The lockdown proved to be a constructive opportunity to get to grips with the digital challenge. An incentive to imagine the future of spaces by focusing on design and technology and involving the most important players on topics covering the workplace, education, hospitality, retail and public spaces. The result was an intellectual guideline capable of mapping out a new narrative in the sector, as well as overcoming obsolete models by taking advantage of the potential of current technology.
OPEN INNOVATION TO CREATE ECOSYSTEM INNOVATION
In recent years, many companies have focused their strategic choices on open innovation, undergoing a profound transformation internally and in their relations with the outside world. Open innovation is a strategic and cultural approach based on which companies choose to rely on an innovation model in order to create more value and be more competitive on the market, one that does not only take into account internal ideas and resources, but also tools and skills sourced externally, especially from start-ups, universities, research institutes, consultants and non-competing companies.
Companies have realised that they need to develop a more distributed, hands-on and decentralised approach to innovation. Indeed, open innovation may prove to be the most profitable way to innovate, as it reduces costs and increases market differentiation by creating new business solutions and accelerating time to market.

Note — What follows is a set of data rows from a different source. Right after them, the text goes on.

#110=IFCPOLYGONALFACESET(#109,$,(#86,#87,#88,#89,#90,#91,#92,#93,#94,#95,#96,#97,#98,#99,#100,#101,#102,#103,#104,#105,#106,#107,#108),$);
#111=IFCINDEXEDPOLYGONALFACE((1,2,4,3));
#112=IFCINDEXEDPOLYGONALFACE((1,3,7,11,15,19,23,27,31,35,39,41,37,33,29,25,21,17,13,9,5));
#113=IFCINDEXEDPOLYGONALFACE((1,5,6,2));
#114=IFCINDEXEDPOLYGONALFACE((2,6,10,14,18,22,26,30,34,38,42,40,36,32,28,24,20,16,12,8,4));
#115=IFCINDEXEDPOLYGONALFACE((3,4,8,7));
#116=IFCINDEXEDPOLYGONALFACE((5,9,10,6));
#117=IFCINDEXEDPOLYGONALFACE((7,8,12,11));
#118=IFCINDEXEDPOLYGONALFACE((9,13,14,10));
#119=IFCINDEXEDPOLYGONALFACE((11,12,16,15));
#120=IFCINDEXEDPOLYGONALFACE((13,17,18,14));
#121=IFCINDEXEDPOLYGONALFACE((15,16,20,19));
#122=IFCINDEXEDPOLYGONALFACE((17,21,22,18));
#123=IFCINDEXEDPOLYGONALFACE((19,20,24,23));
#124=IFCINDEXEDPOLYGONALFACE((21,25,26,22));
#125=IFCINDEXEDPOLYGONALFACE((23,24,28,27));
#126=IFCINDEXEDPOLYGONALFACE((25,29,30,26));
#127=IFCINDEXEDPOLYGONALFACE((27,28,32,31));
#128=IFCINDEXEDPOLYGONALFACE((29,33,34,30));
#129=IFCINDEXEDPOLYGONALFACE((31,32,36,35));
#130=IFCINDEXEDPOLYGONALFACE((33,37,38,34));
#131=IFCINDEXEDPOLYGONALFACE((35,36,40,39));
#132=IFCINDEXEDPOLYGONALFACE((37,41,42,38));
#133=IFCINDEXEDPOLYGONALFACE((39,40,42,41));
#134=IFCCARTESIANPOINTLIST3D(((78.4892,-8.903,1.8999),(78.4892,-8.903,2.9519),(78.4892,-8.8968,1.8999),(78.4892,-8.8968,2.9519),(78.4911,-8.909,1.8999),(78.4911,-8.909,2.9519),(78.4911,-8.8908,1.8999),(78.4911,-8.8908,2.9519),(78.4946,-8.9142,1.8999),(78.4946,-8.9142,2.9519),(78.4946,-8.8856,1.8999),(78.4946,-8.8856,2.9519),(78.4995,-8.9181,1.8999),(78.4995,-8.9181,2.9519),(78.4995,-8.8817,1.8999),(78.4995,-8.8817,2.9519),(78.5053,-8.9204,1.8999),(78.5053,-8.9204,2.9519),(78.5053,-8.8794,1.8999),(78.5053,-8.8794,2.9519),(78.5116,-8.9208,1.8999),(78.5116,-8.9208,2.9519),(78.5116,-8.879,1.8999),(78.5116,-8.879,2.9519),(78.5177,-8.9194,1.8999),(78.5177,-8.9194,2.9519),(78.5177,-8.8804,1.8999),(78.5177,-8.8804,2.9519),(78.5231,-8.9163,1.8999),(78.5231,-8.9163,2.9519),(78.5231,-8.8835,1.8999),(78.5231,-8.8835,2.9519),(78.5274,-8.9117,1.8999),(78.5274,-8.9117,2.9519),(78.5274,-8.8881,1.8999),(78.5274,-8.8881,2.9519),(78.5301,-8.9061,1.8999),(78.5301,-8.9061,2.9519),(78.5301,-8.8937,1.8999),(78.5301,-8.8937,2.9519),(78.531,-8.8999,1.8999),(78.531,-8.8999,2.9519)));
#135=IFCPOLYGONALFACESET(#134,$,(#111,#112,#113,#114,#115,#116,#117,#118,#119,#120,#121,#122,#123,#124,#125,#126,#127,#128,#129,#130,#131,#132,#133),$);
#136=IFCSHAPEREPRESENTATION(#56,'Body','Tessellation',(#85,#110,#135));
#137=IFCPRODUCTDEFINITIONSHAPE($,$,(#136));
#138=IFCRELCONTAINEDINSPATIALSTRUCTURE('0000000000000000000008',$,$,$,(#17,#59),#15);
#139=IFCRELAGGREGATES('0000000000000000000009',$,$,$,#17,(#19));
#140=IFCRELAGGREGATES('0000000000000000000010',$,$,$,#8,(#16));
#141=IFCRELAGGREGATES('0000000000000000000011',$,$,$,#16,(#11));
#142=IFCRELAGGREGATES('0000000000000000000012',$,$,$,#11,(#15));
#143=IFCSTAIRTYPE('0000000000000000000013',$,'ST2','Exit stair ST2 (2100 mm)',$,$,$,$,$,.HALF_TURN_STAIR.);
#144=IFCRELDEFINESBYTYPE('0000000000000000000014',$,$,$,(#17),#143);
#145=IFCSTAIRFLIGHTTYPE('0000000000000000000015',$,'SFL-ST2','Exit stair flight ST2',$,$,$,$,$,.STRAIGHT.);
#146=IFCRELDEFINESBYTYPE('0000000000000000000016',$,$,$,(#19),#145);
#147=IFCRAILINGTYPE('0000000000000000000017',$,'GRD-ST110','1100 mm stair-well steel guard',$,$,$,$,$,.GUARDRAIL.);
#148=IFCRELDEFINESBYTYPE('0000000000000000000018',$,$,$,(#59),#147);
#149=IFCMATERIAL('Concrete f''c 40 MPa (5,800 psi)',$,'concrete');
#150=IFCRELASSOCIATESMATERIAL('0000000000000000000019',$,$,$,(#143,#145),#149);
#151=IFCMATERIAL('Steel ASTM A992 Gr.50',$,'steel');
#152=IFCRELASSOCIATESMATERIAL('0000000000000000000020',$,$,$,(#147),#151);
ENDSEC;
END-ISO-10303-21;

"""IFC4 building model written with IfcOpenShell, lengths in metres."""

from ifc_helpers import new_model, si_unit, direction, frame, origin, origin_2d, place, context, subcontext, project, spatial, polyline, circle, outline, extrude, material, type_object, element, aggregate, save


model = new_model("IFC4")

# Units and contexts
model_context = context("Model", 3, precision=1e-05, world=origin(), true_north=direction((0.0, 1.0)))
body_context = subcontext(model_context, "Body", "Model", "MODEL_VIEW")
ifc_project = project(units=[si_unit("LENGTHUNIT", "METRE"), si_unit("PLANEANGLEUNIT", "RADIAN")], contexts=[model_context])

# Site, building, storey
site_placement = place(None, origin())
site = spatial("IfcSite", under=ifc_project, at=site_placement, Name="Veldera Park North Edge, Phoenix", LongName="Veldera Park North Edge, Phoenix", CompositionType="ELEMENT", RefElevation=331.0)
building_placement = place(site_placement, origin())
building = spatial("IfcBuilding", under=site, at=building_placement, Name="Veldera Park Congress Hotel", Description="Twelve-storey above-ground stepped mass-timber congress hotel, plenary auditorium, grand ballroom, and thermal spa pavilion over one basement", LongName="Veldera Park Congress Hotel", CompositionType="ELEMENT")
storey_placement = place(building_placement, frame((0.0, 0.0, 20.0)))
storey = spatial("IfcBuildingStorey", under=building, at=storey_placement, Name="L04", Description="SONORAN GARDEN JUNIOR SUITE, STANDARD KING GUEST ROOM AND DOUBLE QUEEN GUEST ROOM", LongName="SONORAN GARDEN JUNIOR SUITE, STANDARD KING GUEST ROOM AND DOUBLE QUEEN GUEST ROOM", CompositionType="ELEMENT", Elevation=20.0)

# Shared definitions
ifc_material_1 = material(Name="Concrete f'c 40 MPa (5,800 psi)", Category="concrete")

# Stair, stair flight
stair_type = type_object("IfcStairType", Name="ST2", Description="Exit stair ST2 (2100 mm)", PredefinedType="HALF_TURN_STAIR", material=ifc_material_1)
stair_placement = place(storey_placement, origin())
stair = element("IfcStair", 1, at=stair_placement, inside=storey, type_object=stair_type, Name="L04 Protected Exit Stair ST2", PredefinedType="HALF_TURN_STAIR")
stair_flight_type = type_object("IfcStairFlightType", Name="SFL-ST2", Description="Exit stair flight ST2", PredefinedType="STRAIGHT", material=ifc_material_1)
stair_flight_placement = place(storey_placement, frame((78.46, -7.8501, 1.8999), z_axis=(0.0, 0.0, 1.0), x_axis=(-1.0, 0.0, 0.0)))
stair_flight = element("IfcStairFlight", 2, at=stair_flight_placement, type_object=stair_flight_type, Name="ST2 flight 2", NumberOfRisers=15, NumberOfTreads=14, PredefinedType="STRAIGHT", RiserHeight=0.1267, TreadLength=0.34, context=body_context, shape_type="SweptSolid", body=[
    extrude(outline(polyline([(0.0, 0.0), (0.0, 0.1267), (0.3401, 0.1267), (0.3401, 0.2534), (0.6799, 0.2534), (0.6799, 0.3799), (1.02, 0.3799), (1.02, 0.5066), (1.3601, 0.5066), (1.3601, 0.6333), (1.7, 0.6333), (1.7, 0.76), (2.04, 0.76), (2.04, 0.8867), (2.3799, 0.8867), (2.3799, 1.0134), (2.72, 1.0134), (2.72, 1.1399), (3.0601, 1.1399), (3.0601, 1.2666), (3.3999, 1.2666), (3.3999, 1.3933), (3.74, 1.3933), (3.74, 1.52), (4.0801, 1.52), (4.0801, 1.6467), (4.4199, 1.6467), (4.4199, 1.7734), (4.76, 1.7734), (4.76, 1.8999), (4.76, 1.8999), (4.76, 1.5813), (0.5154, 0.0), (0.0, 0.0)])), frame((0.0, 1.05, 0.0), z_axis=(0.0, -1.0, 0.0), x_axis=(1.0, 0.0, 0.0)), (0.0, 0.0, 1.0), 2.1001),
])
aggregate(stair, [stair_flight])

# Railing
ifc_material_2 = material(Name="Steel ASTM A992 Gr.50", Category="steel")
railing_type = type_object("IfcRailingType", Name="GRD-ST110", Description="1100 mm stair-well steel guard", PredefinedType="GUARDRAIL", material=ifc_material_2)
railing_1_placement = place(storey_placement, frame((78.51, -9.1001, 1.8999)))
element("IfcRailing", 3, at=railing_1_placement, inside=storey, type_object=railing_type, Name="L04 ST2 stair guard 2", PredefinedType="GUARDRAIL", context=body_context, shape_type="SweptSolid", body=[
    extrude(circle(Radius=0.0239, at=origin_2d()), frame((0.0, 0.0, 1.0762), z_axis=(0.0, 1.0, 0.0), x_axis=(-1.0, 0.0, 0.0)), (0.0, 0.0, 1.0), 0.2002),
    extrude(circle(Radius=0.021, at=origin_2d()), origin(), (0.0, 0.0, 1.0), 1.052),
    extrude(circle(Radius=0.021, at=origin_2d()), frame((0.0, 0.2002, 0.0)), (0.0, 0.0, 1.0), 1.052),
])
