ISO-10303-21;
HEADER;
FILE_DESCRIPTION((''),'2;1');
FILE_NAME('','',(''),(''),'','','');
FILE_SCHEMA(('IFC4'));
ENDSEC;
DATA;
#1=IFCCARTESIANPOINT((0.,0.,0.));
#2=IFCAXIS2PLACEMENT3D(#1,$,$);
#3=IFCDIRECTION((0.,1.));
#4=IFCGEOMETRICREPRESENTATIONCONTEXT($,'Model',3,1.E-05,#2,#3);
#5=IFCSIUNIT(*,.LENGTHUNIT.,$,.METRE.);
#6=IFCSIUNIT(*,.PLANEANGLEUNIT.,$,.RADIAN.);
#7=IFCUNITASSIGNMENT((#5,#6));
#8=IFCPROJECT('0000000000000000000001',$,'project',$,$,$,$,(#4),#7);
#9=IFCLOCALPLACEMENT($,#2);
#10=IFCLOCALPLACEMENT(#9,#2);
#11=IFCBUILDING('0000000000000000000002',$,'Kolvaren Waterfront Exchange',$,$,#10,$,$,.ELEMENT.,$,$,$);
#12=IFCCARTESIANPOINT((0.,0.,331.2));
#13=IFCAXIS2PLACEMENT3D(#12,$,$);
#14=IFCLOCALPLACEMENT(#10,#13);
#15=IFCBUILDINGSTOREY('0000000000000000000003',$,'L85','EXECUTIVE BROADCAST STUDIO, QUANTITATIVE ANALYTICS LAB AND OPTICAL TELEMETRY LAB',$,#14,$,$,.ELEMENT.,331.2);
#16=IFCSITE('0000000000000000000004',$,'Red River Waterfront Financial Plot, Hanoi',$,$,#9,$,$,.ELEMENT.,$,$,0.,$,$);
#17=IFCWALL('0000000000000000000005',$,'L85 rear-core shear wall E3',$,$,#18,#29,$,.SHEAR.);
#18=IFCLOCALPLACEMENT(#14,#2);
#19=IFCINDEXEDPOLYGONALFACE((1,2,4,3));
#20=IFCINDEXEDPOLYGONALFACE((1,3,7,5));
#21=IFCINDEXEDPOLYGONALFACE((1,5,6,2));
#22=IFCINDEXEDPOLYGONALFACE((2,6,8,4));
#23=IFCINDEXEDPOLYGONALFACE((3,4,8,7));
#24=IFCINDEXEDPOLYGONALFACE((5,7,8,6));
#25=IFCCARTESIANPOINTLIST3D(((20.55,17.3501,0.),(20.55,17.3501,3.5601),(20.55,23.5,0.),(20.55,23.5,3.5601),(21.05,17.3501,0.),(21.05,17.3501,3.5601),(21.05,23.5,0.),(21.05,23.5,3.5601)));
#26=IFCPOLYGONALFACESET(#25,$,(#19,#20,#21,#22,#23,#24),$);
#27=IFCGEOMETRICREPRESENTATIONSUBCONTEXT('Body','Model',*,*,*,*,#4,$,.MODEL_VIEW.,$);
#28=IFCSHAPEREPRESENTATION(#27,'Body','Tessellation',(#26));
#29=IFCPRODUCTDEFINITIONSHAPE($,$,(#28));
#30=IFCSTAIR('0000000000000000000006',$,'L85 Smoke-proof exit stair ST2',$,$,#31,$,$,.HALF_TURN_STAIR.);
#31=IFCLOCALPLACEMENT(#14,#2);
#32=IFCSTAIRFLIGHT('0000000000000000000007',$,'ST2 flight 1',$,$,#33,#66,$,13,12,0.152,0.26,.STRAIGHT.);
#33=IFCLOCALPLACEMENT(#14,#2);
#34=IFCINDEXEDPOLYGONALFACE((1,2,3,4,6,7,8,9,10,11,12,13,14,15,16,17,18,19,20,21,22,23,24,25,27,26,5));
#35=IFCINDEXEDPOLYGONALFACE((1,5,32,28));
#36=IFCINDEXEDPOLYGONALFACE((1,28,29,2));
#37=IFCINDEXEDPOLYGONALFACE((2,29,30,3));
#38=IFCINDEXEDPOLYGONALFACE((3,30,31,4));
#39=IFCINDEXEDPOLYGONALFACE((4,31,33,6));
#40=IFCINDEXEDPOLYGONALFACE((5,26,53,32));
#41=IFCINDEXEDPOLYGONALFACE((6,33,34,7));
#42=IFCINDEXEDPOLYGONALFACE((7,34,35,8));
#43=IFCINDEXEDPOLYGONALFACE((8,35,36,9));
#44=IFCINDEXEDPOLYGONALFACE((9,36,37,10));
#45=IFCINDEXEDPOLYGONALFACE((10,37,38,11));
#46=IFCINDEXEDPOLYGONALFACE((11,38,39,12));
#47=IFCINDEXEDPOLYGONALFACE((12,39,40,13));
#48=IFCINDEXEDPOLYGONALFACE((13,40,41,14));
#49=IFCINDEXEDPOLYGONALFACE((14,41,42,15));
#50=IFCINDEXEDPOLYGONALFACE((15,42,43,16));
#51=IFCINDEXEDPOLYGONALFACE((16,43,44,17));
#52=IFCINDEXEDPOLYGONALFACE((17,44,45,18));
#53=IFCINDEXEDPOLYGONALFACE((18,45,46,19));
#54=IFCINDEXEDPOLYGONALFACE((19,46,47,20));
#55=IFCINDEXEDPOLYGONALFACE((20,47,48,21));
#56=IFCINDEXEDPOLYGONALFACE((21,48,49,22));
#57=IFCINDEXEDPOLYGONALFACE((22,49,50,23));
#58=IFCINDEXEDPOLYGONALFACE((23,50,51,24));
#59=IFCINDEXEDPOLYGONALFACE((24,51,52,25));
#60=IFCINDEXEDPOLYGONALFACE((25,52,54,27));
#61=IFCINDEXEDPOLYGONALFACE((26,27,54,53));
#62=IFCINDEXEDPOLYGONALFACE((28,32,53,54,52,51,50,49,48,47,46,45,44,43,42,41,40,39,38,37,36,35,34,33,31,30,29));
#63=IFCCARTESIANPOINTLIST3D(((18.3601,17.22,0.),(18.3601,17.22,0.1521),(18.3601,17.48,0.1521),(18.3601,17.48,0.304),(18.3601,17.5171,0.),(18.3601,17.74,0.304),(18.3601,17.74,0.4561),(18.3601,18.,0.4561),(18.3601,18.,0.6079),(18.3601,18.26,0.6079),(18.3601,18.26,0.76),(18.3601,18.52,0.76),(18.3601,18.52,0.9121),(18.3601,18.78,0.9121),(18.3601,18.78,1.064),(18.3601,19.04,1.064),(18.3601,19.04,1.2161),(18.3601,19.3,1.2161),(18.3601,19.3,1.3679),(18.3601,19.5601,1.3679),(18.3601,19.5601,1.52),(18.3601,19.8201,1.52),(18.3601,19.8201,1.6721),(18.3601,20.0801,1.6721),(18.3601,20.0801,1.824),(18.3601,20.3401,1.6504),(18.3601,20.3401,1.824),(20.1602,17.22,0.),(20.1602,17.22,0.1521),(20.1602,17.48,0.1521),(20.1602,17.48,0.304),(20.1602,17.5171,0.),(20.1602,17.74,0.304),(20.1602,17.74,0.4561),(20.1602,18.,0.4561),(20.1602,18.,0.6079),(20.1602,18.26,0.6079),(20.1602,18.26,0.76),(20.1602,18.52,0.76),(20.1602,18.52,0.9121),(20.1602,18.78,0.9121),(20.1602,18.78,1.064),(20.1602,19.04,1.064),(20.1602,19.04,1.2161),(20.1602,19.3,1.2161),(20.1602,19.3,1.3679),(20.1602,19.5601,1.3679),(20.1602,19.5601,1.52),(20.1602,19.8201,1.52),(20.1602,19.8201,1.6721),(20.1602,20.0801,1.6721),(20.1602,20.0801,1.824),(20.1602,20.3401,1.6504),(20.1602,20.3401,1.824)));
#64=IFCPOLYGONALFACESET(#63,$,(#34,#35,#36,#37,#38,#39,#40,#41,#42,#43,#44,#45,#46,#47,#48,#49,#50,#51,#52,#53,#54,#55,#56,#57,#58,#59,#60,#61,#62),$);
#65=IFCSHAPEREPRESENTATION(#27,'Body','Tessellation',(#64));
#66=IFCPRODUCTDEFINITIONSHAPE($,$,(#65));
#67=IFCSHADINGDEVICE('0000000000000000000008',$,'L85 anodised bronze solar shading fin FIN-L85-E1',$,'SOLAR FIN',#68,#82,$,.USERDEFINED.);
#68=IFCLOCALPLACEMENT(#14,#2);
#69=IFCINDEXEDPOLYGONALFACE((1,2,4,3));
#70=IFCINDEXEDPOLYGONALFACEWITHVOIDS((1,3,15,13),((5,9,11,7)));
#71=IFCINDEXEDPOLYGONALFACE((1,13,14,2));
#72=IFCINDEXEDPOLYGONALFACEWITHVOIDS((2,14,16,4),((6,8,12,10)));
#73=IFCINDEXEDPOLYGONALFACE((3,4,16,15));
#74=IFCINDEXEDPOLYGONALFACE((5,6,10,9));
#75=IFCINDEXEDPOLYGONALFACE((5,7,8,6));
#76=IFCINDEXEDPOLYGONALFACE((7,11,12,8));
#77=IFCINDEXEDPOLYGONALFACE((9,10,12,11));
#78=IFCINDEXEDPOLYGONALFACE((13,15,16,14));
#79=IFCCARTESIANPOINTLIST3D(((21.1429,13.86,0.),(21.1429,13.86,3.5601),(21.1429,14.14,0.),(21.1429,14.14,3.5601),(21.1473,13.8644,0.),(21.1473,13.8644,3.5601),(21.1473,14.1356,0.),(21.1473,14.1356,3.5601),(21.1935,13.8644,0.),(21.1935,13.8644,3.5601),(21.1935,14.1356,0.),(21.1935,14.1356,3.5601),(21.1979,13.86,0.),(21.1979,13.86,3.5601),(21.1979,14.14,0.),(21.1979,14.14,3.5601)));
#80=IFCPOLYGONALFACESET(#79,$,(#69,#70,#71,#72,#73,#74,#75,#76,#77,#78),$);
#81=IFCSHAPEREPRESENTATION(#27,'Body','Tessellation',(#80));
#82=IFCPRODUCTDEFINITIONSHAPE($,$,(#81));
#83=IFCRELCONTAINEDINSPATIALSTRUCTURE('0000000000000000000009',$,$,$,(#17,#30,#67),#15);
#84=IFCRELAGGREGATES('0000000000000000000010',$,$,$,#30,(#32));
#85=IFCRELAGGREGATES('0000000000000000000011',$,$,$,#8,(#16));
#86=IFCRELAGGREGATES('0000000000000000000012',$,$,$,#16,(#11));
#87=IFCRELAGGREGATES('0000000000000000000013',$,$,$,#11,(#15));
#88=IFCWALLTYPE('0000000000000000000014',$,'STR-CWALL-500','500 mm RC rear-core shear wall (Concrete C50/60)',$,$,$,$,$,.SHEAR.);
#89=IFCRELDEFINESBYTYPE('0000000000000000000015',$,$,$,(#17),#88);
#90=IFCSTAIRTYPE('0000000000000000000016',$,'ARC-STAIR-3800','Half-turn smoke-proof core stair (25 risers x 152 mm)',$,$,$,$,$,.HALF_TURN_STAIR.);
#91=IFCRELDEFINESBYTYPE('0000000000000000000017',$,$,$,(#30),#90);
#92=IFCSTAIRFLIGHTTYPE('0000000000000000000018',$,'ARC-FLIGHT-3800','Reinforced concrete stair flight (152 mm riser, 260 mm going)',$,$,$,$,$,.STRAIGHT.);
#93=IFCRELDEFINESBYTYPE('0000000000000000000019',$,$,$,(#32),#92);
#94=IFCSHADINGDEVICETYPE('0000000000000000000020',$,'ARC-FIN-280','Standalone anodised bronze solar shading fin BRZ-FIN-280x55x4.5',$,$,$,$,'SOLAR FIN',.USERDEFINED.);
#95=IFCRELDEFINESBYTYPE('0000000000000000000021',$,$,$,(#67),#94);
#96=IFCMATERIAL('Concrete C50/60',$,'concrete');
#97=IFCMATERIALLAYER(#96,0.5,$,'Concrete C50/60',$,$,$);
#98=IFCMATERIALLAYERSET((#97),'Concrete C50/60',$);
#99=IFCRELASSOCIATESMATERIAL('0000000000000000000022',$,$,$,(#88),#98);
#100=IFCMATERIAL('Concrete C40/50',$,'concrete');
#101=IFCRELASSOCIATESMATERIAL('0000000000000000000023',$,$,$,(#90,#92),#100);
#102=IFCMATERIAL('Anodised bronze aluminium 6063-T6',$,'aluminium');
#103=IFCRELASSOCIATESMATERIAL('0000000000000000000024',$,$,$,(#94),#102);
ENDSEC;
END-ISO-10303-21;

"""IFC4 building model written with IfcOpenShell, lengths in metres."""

from ifc_helpers import new_model, si_unit, direction, frame, frame_2d, origin, origin_2d, place, context, subcontext, project, spatial, polyline, rectangle, hollow_rectangle, outline, extrude, material, layer, layer_set, material_profile, profile_set, type_object, element, aggregate, save


model = new_model("IFC4")

# Units and contexts
model_context = context("Model", 3, precision=1e-05, world=origin(), true_north=direction((0.0, 1.0)))
body_context = subcontext(model_context, "Body", "Model", "MODEL_VIEW")
ifc_project = project(units=[si_unit("LENGTHUNIT", "METRE"), si_unit("PLANEANGLEUNIT", "RADIAN")], contexts=[model_context])

# Site, building, storey
site_placement = place(None, origin())
site = spatial("IfcSite", under=ifc_project, at=site_placement, Name="Red River Waterfront Financial Plot, Hanoi", CompositionType="ELEMENT", RefElevation=0.0)
building_placement = place(site_placement, origin())
building = spatial("IfcBuilding", under=site, at=building_placement, Name="Kolvaren Waterfront Exchange", CompositionType="ELEMENT")
storey_placement = place(building_placement, frame((0.0, 0.0, 331.2)))
storey = spatial("IfcBuildingStorey", under=building, at=storey_placement, Name="L85", Description="EXECUTIVE BROADCAST STUDIO, QUANTITATIVE ANALYTICS LAB AND OPTICAL TELEMETRY LAB", CompositionType="ELEMENT", Elevation=331.2)

# Shared definitions
ifc_material_1 = material(Name="Concrete C50/60", Category="concrete")

# Wall
ifc_material_2 = material(Name="Concrete C40/50", Category="concrete")
ifc_layer_1 = layer(ifc_material_1, 0.5, Name="Concrete C50/60")
ifc_layer_set_1 = layer_set([ifc_layer_1], Name="Concrete C50/60")
wall_type_1 = type_object("IfcWallType", Name="STR-CWALL-500", Description="500 mm RC rear-core shear wall (Concrete C50/60)", PredefinedType="SHEAR", material=ifc_layer_set_1)
wall_1_placement = place(storey_placement, frame((20.8, 17.3501, 0.0), z_axis=(0.0, 0.0, 1.0), x_axis=(0.0, 1.0, 0.0)))
element("IfcWall", 1, at=wall_1_placement, inside=storey, type_object=wall_type_1, Name="L85 rear-core shear wall E3", PredefinedType="SHEAR", context=body_context, shape_type="SweptSolid", body=[
    extrude(rectangle(XDim=6.1499, YDim=0.5, at=frame_2d((3.075, 0.0))), origin(), (0.0, 0.0, 1.0), 3.5601),
])

# Stair, stair flight
stair_type = type_object("IfcStairType", Name="ARC-STAIR-3800", Description="Half-turn smoke-proof core stair (25 risers x 152 mm)", PredefinedType="HALF_TURN_STAIR", material=ifc_material_2)
stair_placement = place(storey_placement, origin())
stair = element("IfcStair", 2, at=stair_placement, inside=storey, type_object=stair_type, Name="L85 Smoke-proof exit stair ST2", PredefinedType="HALF_TURN_STAIR")
stair_flight_type = type_object("IfcStairFlightType", Name="ARC-FLIGHT-3800", Description="Reinforced concrete stair flight (152 mm riser, 260 mm going)", PredefinedType="STRAIGHT", material=ifc_material_2)
stair_flight_placement = place(storey_placement, frame((19.26, 17.22, 0.0), z_axis=(0.0, 0.0, 1.0), x_axis=(0.0, 1.0, 0.0)))
stair_flight = element("IfcStairFlight", 3, at=stair_flight_placement, type_object=stair_flight_type, Name="ST2 flight 1", NumberOfRisers=13, NumberOfTreads=12, PredefinedType="STRAIGHT", RiserHeight=0.152, TreadLength=0.26, context=body_context, shape_type="SweptSolid", body=[
    extrude(outline(polyline([(0.0, 0.0), (0.0, 0.1521), (0.26, 0.1521), (0.26, 0.304), (0.52, 0.304), (0.52, 0.4561), (0.78, 0.4561), (0.78, 0.6079), (1.04, 0.6079), (1.04, 0.76), (1.3, 0.76), (1.3, 0.9121), (1.5601, 0.9121), (1.5601, 1.064), (1.8201, 1.064), (1.8201, 1.2161), (2.0801, 1.2161), (2.0801, 1.3679), (2.3401, 1.3679), (2.3401, 1.52), (2.6001, 1.52), (2.6001, 1.6721), (2.8601, 1.6721), (2.8601, 1.824), (3.1201, 1.824), (3.1201, 1.9761), (3.1201, 1.6504), (0.2971, 0.0), (0.0, 0.0)])), frame((0.0, 0.8999, 0.0), z_axis=(0.0, -1.0, 0.0), x_axis=(1.0, 0.0, 0.0)), (0.0, 0.0, 1.0), 1.8),
])
aggregate(stair, [stair_flight])

# Shading device
ifc_material_3 = material(Name="Anodised bronze aluminium 6063-T6", Category="aluminium")
ifc_material_profile_1 = material_profile(ifc_material_3, hollow_rectangle(XDim=0.0549, YDim=0.28, WallThickness=0.0044, at=origin_2d()), Name="BRZ-FIN-280x55x4.5")
ifc_profile_set_1 = profile_set([ifc_material_profile_1], Name="Anodised bronze aluminium 6063-T6")
shading_device_type = type_object("IfcShadingDeviceType", Name="ARC-FIN-280", Description="Standalone anodised bronze solar shading fin BRZ-FIN-280x55x4.5", ElementType="SOLAR FIN", PredefinedType="USERDEFINED", material=ifc_profile_set_1)
shading_device_placement = place(storey_placement, frame((21.1704, 14.0, 0.0), z_axis=(0.0, 0.0, 1.0), x_axis=(1.0, 0.0, 0.0)))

INVESTING IN SMART MANUFACTURING
Smart manufacturing means revolutionising the production times and methods, introducing technologies and strategies that fall under the broader framework of Industry 4.0, into the factory. The goal is to optimize Products, Processes and People, the so-called 3Ps. To do this, we need to change our perspective, by taking advantage of the digital world to work on new levels of integration and relationship, while maintaining customer centricity.
The key words in smart production: flexibility, sharing and collaboration.
Arrital, which has a logistics and production plant occupying 58,000 square meters and a network of over 200 partners, continued to invest even during the pandemic, allocating approximately 5 million Euros to the modernisation and alignment of production facilities with the purchase of new machinery. “In the 2021-2023 three-year business plan,” explains the General Manager Christian Dal Bo, “we identified thirty-three improvement processesthat willaffect both the production part and the offices. The first stages will involve the mapping of business processes to identify and resolve our weaknesses: from the requalification of the procurement office to IT support. We are creating an ‘operations’ manager with a ‘supply chain’ that will allow us to monitor every single stage of the production cycle”.